Biofilm formation was performed on bovine enamel slabs on individual maxillary splints. Following 1min of pellicle formation, eight subjects rinsed for 10min with Inula viscosa tea and the splints remained for 8h intraorally. Samples carried after 1-min rinsing with CHX (0.2%) or without rinse served as controls. BacLight™ staining, 4',6-diamidino-2-phenylindole (DAPI)-staining and fluorescence in situ hybridization (FISH) were used for fluorescence microscopic detection of adherent bacteria. For investigation of acid protective properties, three subjects rinsed for 10min with Inula viscosa tea after 1min pellicle formation and kept the splints intraorally for further 19min. Physiological 30-min pellicles and native enamel samples served as controls. After HCl incubation of the samples ex-vivo over 120s (pH 2.0, 2.3, 3.0) calcium- and phosphate release were quantified photometrically. Potential influences on the pellicle's ultrastructure by Inula viscosa tea were evaluated by transmission electron microscopy (TEM).

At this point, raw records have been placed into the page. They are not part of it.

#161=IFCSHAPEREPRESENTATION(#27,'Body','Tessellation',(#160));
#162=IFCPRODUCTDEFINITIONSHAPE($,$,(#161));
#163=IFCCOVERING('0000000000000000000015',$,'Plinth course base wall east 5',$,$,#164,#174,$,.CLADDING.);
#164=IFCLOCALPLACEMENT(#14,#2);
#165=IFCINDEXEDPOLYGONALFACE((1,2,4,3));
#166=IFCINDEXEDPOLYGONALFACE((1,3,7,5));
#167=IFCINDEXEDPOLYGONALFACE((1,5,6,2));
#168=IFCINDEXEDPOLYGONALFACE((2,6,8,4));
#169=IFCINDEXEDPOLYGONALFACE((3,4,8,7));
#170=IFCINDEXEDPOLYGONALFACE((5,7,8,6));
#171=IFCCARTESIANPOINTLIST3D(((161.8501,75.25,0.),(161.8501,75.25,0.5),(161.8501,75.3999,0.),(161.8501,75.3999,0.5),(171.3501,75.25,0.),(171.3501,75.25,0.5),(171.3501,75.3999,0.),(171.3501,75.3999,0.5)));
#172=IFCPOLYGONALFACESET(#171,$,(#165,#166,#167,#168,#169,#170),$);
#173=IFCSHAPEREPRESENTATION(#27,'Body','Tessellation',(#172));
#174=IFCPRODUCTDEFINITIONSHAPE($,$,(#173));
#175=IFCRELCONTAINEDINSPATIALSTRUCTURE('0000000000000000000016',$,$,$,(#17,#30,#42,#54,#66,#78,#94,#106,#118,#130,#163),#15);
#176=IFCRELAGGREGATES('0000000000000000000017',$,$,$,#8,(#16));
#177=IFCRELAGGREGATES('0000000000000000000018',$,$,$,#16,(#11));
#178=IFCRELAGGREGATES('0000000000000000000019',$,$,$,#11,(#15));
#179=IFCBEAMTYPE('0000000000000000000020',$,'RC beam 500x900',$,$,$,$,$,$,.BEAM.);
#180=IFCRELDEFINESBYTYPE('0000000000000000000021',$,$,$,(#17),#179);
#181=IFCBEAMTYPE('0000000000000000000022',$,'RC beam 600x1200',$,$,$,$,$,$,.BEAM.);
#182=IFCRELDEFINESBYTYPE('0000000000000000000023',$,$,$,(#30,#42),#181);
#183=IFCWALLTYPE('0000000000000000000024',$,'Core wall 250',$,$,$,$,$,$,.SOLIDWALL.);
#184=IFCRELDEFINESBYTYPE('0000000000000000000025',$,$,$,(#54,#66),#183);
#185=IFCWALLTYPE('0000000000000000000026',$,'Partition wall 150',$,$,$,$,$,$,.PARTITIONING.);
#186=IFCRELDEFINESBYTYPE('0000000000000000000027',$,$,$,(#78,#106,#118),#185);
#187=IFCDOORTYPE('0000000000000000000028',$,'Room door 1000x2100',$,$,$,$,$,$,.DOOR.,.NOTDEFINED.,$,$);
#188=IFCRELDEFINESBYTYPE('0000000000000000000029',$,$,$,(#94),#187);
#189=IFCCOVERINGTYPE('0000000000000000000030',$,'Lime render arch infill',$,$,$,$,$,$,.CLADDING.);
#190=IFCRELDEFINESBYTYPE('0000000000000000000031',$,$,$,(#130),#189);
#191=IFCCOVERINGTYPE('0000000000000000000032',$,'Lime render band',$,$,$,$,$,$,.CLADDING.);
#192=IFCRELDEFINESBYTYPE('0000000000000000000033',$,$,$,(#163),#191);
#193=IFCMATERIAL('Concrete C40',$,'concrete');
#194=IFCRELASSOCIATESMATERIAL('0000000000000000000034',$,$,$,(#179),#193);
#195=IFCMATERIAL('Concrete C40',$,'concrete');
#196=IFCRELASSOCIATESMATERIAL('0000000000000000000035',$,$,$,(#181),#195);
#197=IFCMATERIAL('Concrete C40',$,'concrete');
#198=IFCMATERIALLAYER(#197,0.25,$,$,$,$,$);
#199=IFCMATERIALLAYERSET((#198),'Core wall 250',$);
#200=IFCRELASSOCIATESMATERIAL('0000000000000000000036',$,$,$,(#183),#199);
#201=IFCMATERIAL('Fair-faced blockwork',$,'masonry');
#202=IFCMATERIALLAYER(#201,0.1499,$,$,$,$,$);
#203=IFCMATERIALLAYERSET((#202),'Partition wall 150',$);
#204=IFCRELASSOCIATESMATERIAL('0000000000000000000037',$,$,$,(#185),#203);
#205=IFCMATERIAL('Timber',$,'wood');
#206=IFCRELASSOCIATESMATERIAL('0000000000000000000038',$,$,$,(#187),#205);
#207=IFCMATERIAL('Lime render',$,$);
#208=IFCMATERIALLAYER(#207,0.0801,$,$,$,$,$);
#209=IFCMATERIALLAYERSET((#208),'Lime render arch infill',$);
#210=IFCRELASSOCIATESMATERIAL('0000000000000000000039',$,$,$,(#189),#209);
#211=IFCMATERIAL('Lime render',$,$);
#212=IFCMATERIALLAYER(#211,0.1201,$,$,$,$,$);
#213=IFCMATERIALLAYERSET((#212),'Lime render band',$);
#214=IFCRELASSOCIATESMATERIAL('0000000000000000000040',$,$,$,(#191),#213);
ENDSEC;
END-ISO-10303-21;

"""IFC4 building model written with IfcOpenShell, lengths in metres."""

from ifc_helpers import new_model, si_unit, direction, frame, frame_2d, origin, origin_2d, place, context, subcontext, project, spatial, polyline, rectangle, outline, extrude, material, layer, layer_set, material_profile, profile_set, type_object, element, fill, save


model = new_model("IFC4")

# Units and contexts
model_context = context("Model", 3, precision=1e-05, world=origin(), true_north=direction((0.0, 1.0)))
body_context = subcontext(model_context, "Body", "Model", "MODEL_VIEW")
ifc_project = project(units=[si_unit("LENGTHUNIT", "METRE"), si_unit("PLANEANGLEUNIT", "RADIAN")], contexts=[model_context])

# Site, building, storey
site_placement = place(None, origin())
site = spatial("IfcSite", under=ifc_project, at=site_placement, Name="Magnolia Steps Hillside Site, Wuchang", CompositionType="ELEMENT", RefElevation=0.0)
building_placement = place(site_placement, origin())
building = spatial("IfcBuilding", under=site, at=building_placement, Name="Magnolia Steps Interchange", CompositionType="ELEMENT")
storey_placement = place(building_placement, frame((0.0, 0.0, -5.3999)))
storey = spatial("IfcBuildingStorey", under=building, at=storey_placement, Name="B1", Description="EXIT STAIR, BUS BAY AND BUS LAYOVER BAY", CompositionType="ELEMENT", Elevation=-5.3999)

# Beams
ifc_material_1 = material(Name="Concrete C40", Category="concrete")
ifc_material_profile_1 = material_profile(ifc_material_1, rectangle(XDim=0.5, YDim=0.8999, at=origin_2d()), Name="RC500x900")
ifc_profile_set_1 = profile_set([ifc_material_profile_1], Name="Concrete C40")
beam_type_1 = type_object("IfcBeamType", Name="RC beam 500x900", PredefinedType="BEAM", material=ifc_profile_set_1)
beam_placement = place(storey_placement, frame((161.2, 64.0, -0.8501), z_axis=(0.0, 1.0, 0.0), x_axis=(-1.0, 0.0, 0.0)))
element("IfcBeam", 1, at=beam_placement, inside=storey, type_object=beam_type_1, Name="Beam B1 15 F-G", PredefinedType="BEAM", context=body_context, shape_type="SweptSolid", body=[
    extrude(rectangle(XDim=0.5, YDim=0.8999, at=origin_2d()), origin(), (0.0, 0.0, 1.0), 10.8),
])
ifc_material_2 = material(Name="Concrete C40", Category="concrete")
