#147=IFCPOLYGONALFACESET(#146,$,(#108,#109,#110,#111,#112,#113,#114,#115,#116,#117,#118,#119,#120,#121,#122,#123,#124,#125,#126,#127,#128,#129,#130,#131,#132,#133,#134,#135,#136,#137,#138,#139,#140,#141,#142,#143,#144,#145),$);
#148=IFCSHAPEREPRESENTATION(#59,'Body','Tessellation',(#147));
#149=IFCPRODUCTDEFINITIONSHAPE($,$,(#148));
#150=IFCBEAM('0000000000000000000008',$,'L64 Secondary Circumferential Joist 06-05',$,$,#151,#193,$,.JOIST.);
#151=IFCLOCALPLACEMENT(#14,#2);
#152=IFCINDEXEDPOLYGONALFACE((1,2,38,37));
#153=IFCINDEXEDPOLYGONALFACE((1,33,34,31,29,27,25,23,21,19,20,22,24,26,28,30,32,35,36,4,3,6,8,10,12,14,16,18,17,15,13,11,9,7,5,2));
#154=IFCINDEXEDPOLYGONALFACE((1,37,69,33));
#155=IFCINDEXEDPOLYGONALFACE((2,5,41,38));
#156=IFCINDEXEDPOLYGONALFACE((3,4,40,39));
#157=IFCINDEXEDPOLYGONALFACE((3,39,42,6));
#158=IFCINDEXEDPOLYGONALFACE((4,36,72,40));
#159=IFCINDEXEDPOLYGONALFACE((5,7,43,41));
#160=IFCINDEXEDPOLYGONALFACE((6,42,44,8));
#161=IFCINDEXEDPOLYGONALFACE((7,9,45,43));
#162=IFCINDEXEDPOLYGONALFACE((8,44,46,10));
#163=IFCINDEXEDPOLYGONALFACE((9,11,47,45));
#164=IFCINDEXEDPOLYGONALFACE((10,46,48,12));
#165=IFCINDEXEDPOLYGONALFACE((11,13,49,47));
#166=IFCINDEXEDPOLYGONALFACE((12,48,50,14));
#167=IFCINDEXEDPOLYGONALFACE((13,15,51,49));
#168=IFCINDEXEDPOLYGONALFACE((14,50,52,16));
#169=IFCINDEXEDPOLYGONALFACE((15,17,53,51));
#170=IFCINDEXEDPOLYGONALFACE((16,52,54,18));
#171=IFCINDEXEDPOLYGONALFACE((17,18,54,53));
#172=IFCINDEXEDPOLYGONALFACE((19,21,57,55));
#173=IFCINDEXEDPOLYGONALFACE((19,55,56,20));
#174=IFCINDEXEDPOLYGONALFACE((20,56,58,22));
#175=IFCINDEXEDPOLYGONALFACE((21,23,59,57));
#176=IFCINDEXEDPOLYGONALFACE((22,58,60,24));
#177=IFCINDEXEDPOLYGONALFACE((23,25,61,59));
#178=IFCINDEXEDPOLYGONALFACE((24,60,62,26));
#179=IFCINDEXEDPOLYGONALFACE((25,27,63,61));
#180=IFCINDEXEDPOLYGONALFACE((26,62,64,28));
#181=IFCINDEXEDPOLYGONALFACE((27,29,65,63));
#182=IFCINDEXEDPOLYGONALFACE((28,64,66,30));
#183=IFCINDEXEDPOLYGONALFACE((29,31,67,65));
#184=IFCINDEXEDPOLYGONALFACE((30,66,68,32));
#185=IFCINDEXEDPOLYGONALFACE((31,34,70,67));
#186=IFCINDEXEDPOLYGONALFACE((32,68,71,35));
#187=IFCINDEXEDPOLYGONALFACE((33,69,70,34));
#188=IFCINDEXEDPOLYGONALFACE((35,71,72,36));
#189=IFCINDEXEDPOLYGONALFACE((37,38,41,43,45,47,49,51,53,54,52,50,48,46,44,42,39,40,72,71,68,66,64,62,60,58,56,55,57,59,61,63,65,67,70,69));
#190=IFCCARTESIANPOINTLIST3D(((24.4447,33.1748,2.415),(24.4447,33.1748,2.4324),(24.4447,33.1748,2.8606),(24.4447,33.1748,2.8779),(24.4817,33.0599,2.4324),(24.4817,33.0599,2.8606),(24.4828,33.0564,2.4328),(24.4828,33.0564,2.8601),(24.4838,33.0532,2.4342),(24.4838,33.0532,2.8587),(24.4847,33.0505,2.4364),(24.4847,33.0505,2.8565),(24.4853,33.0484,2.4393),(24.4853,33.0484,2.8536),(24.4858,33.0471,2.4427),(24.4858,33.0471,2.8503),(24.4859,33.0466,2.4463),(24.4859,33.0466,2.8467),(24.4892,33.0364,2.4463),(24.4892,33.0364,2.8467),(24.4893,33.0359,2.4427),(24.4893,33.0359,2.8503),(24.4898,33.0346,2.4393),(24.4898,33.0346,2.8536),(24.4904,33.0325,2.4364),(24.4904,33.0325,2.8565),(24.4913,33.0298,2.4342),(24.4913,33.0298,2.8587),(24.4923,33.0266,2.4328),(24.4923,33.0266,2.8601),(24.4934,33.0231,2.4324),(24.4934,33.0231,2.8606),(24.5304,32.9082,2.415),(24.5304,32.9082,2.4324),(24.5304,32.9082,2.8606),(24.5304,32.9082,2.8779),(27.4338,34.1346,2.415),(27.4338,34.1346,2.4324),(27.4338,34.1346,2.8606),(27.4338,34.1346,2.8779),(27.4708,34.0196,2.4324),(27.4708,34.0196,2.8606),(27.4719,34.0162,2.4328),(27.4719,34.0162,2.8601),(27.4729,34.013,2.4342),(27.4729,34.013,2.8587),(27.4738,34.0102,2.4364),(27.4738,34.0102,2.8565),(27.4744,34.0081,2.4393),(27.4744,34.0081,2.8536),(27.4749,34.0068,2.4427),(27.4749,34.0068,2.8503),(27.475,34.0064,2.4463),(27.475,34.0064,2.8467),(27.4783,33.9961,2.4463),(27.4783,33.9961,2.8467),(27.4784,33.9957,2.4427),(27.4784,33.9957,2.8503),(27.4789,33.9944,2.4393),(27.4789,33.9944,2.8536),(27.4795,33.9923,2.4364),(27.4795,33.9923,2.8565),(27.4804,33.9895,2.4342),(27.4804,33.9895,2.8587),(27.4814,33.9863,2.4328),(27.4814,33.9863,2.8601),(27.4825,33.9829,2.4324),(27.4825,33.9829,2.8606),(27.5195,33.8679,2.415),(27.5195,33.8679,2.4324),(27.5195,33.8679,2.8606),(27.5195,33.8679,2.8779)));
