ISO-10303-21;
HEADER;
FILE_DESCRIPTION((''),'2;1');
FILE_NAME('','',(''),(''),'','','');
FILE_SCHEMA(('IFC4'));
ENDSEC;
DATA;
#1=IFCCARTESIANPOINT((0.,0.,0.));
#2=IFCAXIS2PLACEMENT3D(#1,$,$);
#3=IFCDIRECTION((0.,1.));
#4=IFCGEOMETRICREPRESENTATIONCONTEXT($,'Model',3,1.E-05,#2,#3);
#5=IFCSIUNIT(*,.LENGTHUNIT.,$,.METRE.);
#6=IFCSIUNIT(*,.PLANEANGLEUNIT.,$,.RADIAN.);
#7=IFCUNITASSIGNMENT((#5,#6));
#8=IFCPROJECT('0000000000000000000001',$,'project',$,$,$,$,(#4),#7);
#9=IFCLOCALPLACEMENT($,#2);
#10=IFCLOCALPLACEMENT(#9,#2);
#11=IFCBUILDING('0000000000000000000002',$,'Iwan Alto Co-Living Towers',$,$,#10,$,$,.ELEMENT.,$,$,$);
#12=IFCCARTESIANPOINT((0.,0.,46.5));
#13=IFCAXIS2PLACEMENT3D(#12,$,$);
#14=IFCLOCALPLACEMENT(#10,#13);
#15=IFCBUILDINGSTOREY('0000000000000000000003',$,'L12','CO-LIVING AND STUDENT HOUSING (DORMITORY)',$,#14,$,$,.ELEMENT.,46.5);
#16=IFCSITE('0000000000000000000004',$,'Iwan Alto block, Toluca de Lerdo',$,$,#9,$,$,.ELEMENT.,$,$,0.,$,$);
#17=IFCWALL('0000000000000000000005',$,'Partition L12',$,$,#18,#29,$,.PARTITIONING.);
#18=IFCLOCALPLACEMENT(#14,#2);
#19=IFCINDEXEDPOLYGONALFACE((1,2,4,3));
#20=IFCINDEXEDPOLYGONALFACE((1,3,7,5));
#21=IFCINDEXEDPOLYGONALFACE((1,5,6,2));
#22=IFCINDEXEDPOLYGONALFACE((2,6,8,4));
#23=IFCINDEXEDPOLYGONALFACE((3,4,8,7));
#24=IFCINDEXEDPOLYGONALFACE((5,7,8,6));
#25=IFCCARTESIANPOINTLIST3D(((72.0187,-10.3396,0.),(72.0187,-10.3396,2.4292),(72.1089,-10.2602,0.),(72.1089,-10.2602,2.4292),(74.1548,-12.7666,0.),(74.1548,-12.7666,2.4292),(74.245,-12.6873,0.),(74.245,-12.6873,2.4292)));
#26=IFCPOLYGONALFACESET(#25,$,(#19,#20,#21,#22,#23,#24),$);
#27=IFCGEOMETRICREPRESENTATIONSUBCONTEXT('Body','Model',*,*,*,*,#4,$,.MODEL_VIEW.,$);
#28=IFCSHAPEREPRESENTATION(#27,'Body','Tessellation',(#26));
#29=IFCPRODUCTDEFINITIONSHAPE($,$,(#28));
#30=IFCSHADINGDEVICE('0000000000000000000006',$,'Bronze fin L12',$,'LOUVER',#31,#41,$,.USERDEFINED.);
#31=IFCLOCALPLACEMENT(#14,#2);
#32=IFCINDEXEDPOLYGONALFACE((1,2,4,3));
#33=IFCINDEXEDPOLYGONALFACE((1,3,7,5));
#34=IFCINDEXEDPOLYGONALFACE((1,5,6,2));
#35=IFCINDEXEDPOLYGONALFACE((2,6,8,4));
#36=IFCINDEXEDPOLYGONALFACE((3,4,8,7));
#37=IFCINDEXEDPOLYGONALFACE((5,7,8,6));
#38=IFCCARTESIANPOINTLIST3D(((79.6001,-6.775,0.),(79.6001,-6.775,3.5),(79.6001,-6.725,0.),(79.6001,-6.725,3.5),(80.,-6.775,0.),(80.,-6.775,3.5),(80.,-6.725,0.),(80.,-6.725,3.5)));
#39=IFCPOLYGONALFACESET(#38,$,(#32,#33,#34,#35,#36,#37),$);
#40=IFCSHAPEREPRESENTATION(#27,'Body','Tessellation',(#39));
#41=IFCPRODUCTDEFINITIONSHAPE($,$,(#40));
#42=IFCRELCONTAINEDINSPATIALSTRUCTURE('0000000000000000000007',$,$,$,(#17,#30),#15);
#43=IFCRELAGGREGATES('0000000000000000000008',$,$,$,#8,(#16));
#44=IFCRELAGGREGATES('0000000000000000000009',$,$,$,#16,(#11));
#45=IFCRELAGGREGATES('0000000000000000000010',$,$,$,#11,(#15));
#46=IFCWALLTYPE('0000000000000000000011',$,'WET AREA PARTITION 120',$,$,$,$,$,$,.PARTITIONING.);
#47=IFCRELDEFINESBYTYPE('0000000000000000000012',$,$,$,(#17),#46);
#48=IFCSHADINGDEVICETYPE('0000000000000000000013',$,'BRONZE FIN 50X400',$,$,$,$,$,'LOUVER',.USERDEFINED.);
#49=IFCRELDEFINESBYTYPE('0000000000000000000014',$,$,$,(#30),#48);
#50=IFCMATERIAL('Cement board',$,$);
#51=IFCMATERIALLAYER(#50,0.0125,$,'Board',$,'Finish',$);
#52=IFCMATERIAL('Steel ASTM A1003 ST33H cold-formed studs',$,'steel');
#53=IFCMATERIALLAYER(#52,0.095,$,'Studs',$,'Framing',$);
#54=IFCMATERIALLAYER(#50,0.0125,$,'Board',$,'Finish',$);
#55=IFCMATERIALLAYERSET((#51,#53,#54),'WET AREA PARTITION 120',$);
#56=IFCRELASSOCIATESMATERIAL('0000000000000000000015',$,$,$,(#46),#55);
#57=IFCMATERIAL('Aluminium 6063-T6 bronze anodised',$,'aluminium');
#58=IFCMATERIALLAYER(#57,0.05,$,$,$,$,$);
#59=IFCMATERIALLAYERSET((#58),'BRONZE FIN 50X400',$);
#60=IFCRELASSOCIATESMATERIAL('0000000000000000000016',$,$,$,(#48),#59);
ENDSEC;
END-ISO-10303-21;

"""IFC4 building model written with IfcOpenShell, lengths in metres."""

from ifc_helpers import new_model, si_unit, direction, frame, frame_2d, origin, origin_2d, place, context, subcontext, project, spatial, rectangle, extrude, material, layer, layer_set, type_object, element, save


model = new_model("IFC4")

# Units and contexts
model_context = context("Model", 3, precision=1e-05, world=origin(), true_north=direction((0.0, 1.0)))
body_context = subcontext(model_context, "Body", "Model", "MODEL_VIEW")
ifc_project = project(units=[si_unit("LENGTHUNIT", "METRE"), si_unit("PLANEANGLEUNIT", "RADIAN")], contexts=[model_context])

# Site, building, storey
site_placement = place(None, origin())
site = spatial("IfcSite", under=ifc_project, at=site_placement, Name="Iwan Alto block, Toluca de Lerdo", CompositionType="ELEMENT", RefElevation=0.0)
building_placement = place(site_placement, origin())
building = spatial("IfcBuilding", under=site, at=building_placement, Name="Iwan Alto Co-Living Towers", CompositionType="ELEMENT")
storey_placement = place(building_placement, frame((0.0, 0.0, 46.5)))
storey = spatial("IfcBuildingStorey", under=building, at=storey_placement, Name="L12", Description="CO-LIVING AND STUDENT HOUSING (DORMITORY)", CompositionType="ELEMENT", Elevation=46.5)

# Shared definitions
ifc_material_1 = material(Name="Steel ASTM A1003 ST33H cold-formed studs", Category="steel")
ifc_material_2 = material(Name="Cement board")
ifc_layer_1 = layer(ifc_material_2, 0.0125, Name="Board", Category="Finish")
ifc_layer_2 = layer(ifc_material_1, 0.095, Name="Studs", Category="Framing")
ifc_layer_3 = layer(ifc_material_2, 0.0125, Name="Board", Category="Finish")
ifc_layer_set_1 = layer_set([ifc_layer_1, ifc_layer_2, ifc_layer_3], Name="WET AREA PARTITION 120")
wall_type_1 = type_object("IfcWallType", Name="WET AREA PARTITION 120", PredefinedType="PARTITIONING", material=ifc_layer_set_1)

# Wall
wall_1_placement = place(storey_placement, frame((74.2, -12.7271, 0.0), z_axis=(0.0, 0.0, 1.0), x_axis=(-0.660667, 0.750679, 0.0)))
element("IfcWall", 1, at=wall_1_placement, inside=storey, type_object=wall_type_1, Name="Partition L12", PredefinedType="PARTITIONING", context=body_context, shape_type="SweptSolid", body=[
    extrude(rectangle(XDim=3.2332, YDim=0.1201, at=frame_2d((1.6167, 0.0))), origin(), (0.0, 0.0, 1.0), 2.4292),
])

# Shading device
ifc_material_3 = material(Name="Aluminium 6063-T6 bronze anodised", Category="aluminium")
ifc_layer_4 = layer(ifc_material_3, 0.05)
ifc_layer_set_2 = layer_set([ifc_layer_4], Name="BRONZE FIN 50X400")
shading_device_type = type_object("IfcShadingDeviceType", Name="BRONZE FIN 50X400", ElementType="LOUVER", PredefinedType="USERDEFINED", material=ifc_layer_set_2)
shading_device_placement = place(storey_placement, frame((79.8, -6.75, 0.0), z_axis=(0.0, 0.0, 1.0), x_axis=(0.0, 1.0, 0.0)))
element("IfcShadingDevice", 2, at=shading_device_placement, inside=storey, type_object=shading_device_type, Name="Bronze fin L12", ObjectType="LOUVER", PredefinedType="USERDEFINED", context=body_context, shape_type="SweptSolid", body=[
    extrude(rectangle(XDim=0.05, YDim=0.3999, at=origin_2d()), origin(), (0.0, 0.0, 1.0), 3.5),
])

save(model, "model.ifc")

Application of Inula viscosa tea yielded a significant reduction of adherent bacteria on all enamel samples as detected by fluorescence microscopy. For calcium- and phosphate release no significant effect was recorded. TEM investigation indicated a modification of the pellicle's ultrastructure, but no enhanced protection against erosive noxae.
Rinsing with Inula viscosa tea influences the bacterial colonization on enamel in situ over 8h but has no impact on acid protective properties of the pellicle.
本原位研究调查了旋覆花茶对获得性膜的酸保护特性及初始口腔生物膜形成的影响。
在个体上颌夹板的牛牙釉质板上进行生物膜形成。在获得性膜形成1分钟后,8名受试者用旋覆花茶漱口10分钟,夹板在口腔内放置8小时。用0.2%氯己定(CHX)冲洗1分钟或不冲洗的样本作为对照。使用BacLight™ 染色、4',6-二脒基-2-苯基吲哚(DAPI)染色和荧光原位杂交(FISH)对黏附细菌进行荧光显微镜检测。为了研究酸保护特性,3名受试者在获得性膜形成1分钟后用旋覆花茶漱口10分钟,并将夹板在口腔内再放置19分钟。生理状态下30分钟的获得性膜和天然牙釉质样本作为对照。在体外将样本用盐酸孵育120秒(pH 2.0、2.3、3.0)后,通过光度法对钙和磷的释放进行定量。通过透射电子显微镜(TEM)评估旋覆花茶对获得性膜超微结构的潜在影响。
通过荧光显微镜检测发现,使用旋覆花茶后所有牙釉质样本上的黏附细菌显著减少。对于钙和磷的释放,未记录到显著影响。TEM研究表明获得性膜的超微结构发生了改变,但对侵蚀性刺激物没有增强的保护作用。
用旋覆花茶漱口在8小时内会影响牙釉质上的细菌定植,但对获得性膜的酸保护特性没有影响。